Good to hear. Of course, you realize that the positions I have with Mastercoin, Dark Wallet, Coinkite, and others are advisory positions as well; as Chief Scientist/Chief Naysayer I am not involved in the day to day operations of any of these organizations.
Yes, I think you made that clear.
don't indicate any accusations of personal bias where I might be pushing ideas solely for the benefit of those paying me. So I'd appreciate it if you let Jeff know - I already did but some reinforcement of civility might be appreciated by all.
I think Jeff would be happy if you just noted those positions when advocating for things that those projects need/want/have asked for. Sort of like how people sometimes disclose share ownership in articles where they comment about companies and the like. Having interests is not itself a problem as long as things are transparent. I don't think it's a big deal, just best to be explicit.
In your case, you've advocated for things that only projects like Mastercoin really care about (or care about much). Whereas if Circle need anything from the wider Bitcoin community, they haven't told me about it. In fact we don't interact much. I've spent about a day with them in total since they first approached me, and most of that was review of their architecture and general discussion.

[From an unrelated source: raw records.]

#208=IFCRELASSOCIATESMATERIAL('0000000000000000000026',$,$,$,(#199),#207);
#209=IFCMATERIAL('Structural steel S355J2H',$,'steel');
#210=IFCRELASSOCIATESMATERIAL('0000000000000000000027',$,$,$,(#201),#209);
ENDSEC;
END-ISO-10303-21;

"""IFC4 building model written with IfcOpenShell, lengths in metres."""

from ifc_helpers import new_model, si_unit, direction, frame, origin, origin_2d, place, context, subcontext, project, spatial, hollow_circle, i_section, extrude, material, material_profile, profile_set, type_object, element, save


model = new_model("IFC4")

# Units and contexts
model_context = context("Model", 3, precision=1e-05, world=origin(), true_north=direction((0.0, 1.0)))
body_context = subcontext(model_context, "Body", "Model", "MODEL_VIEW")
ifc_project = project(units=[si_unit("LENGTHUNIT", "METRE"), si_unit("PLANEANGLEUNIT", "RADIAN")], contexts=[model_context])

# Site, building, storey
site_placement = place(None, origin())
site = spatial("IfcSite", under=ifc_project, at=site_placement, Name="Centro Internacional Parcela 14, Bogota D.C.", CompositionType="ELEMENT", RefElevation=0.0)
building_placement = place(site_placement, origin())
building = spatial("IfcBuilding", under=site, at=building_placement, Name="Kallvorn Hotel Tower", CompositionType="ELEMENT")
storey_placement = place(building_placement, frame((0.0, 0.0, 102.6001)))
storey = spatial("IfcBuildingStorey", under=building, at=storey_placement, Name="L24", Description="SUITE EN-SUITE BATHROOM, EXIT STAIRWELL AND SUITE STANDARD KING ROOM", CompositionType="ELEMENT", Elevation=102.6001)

Along those lines, I've been working to diversify my income and clients sufficiently that would, say, Mastercoin fail I'd have no cause for concern. Similarly I've made a point of not taking significant investment positions in any of these currencies; currently the only non-Bitcoin crypto-assets I own in any significant quantity are about
~$3.5k worth of Litecoins, and
~$2.5k worth of Mastercoins, the latter only due to a misunderstanding about what compensation my contract with Mastercoin included. I'm strongly considering just selling off the latter entirely to maintain my independence, and either changing my contract or simply selling off future MSC as I earn them.
I think that's all good and useful to hear.
It's only reasonable to ask the same question of you: How is Circle compensating you exactly? Is implementing redlists/blacklists/tying transactions to real-world-identities in their plans? Are you going to financially benefit either directly or indirectly if technologies like that become a success?
A very small amount of equity (0.1%). It's not enough to have any influence on my decision making, in fact it's rather hard to estimate its value at all, given that I know little about their plans and am not in the loop except when they want my advice, which is rare.
What's more, they know that I am generally not in favour of "bitbanks" and other centralised Bitcoin financial institutions. They understand that my personal politics around decentralisation does not align much with their business plans, and we're both OK with that. I do not have to agree with a companies politics to answer questions for them.
If they have any positions on coin tracing then they haven't told me about it. I have been exploring those topics for a long time, since before Circle even existed, so you can rest assured that's all me :p.
The question on my mind is, to what extent is Bitcoin's chances of mainstream success harmed vs helped by a security strategy based entirely on defence? What we see today is a lot of thefts and hacks. Last time I wrote about coin tracing I was worried about extortion, that CryptoLocker might take off and become really big. That didn't happen thank god, but what we are seeing is lots of thefts and hacks. Although there's usually a plan for how to block such attacks, implementing them is slow work. Like, the "zomg chrome extension regexd my address" attack that came up a few days ago was predicted years ago, the TREZOR and payment protocol are all designed to stop it, but the effort required to defend against that is enormous compared to the effort required to do the attack. It's going to be a long time before the defence side really catches up to that but the malware is like 50 lines of code.
In the "offline world" a blended strategy is almost always used. Lots of defence, but then offence to target the attackers who get through. The Bitcoin world only uses defence. Hackers can try their luck against a hundred users and eventually succeed; there is zero risk involved. We've created a paradise for thieves; they can only win. Most people I know would consider that some kind of hell ... a world where they can work hard every day and then some pimply faced hacker the other side of the world just swipes their wages from them, and get away with it every single time. Especially when the victim blaming begins. They would consider the banking system far more just regardless of its failings, because people who try to steal get chased and a lot of them get caught (see how the Zeus guys ended up).
One can believe that a 100% defence based every-man-for-himself strategy is the correct and best solution, but don't be surprised or appalled when other people explore this topic and think about alternatives. Just argue that they're unnecessary instead.